The TREMNIOS trial is expected to lay the essential groundwork for a planned large-scale randomized controlled trial to determine if adopting a simple TRE pattern intervention can lead to restoring rhythmic daily behavior resulting in a reduction of cardiometabolic risks and improvements of health status in Polish population of patients with MetS and prolonged daily eating period. The results of this trial will be useful for a design of future large-scale trial in terms of sample size, inclusion/exclusion criteria, duration and timing of TRE eating window, length of TRE intervention, primary and secondary outcomes, use of the mCC app, and spectrum of biomarkers for evaluating the efficacy of TRE intervention in patients with MetS. TRE studies on the American populations of patients with MetS have been recently undertaken in the US under the leadership of scientists who are the members of TREMNIOS research team (P.R.T., S.P., and E.N.C.M.).
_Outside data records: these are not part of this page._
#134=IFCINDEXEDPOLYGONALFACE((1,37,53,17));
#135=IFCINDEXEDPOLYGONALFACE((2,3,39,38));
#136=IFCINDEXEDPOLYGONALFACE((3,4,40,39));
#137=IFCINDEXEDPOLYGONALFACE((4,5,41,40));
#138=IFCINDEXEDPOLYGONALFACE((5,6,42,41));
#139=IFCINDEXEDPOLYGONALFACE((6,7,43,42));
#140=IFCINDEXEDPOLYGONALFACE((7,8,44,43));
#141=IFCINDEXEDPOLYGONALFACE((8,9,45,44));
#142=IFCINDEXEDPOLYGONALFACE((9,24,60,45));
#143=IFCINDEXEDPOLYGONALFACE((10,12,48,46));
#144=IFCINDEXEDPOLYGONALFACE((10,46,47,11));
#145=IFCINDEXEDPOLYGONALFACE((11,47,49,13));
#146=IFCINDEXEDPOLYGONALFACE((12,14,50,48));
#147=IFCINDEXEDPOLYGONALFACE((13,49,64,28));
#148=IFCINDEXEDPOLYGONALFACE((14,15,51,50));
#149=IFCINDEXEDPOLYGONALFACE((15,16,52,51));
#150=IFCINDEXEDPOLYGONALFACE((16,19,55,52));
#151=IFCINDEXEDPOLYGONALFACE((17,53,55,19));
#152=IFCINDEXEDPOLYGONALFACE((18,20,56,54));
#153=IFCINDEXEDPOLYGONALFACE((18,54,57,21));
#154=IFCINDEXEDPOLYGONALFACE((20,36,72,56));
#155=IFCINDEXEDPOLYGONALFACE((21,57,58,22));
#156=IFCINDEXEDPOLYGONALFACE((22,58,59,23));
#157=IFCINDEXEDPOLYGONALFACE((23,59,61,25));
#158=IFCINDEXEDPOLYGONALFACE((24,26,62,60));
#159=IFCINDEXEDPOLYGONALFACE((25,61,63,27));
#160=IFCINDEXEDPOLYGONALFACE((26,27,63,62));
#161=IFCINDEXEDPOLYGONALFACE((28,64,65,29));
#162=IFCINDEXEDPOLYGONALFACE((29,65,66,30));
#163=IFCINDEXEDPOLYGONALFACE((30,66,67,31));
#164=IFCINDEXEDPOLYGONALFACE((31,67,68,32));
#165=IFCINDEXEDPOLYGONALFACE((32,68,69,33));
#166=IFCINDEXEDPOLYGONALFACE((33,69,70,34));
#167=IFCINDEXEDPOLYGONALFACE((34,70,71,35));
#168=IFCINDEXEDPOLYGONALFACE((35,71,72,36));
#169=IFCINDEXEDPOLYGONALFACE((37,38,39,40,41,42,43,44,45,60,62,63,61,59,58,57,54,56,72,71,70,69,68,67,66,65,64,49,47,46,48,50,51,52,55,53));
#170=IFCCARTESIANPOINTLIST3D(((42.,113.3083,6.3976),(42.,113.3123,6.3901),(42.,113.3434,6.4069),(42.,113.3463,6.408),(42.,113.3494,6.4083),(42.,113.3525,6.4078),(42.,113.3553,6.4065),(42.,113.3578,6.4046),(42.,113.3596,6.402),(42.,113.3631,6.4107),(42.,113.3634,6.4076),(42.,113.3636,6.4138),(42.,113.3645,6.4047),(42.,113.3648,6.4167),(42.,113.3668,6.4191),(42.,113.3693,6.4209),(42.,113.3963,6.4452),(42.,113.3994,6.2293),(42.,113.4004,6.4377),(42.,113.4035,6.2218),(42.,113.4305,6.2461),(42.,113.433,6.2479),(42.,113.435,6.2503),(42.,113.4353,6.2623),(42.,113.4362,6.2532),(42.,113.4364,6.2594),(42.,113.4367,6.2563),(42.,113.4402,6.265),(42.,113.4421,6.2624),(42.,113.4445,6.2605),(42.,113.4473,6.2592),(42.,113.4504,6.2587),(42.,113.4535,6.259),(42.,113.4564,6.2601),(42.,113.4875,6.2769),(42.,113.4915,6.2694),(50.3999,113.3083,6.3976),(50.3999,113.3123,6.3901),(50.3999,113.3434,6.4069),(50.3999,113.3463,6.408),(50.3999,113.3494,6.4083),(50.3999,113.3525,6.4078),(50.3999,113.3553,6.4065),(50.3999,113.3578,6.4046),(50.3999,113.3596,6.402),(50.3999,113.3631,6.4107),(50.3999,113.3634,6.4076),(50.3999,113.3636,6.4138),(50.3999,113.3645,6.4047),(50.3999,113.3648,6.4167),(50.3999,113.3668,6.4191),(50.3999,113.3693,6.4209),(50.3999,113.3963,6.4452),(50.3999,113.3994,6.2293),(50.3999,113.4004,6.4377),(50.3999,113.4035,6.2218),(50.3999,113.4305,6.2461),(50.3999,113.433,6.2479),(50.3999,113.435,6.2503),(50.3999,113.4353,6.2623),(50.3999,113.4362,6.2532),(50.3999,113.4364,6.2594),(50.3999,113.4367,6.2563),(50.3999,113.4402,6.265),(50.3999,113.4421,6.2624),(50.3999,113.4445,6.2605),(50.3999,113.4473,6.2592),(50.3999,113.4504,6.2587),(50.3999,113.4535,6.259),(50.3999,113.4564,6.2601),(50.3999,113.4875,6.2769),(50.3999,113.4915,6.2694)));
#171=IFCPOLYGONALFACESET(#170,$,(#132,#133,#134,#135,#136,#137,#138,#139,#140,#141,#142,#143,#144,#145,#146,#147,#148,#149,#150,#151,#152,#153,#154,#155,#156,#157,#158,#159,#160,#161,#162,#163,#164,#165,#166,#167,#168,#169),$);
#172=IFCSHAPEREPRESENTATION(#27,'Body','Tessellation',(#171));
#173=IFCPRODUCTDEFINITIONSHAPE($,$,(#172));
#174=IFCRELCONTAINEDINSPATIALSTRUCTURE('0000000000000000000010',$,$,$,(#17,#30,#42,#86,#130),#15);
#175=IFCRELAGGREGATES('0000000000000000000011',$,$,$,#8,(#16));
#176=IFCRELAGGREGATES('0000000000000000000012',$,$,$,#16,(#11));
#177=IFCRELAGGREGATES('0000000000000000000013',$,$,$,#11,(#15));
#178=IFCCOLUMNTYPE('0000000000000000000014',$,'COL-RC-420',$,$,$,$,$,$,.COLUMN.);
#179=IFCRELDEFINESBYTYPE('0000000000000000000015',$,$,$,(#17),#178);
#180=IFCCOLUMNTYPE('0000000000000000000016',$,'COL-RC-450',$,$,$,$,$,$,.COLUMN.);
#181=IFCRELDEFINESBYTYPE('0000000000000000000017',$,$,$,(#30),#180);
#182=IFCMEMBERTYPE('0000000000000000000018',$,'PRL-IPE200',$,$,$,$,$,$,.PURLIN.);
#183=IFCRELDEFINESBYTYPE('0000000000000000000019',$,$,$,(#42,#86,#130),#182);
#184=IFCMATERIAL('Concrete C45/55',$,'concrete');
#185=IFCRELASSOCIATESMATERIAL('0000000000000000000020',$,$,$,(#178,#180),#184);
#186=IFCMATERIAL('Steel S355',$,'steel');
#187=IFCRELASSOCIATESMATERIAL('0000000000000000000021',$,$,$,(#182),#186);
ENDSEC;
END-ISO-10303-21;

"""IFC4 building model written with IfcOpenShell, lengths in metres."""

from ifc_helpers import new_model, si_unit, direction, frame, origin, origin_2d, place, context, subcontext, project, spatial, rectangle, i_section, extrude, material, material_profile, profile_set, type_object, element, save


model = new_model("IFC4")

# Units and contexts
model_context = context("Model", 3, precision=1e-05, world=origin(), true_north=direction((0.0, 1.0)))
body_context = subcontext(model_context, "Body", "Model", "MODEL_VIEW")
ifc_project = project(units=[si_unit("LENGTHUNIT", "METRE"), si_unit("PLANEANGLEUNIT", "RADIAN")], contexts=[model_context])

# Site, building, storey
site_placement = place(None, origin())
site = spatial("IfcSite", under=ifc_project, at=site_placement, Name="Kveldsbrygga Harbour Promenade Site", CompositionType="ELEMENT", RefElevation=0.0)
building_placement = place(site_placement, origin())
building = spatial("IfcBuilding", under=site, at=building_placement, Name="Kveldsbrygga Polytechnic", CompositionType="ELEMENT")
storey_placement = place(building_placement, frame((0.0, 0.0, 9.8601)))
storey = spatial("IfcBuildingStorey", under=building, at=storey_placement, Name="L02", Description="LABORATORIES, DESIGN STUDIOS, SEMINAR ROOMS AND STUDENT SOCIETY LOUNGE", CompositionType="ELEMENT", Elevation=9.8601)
The initiation of acquisition of TRE-related data for the European population of patients through the TREMNIOS trial and the use of consistent protocols will facilitate creation of joint databases and comparative analysis of patient populations with MetS from different countries and continents.
The TREMNIOS trial will examine one group of 30 patients (pre-post TRE intervention) with no control group which is a potential limitation. This approach has been chosen given that this trial is a precursor for large-scale controlled trial in the future and available funding at this initial stage of study is limited which limits the overall number of patients. Following the results of power analysis, it is deemed advantageous to conduct a single arm trial with 30 participants rather than the controlled trial with a smaller sample size of each group. Whereas the evaluation of the adherence to the TRE intervention does not require a control group, the interpretation of exploratory data on cardiometabolic parameters will require caution. For example, because there is no control group, one cannot exclude the possibility that TRE-related changes in cardiometabolic parameters will be to some extent affected by the process of monitoring during the TRE intervention. The planned randomized controlled trial to be conducted after the TREMNIOS trial is expected to be free of this limitation. However, the lack of a control group in the TREMNIOS trial may limit the ability to predict the acceptability of participants to be randomized to intervention and control groups in a planned large-scale randomized-control trial.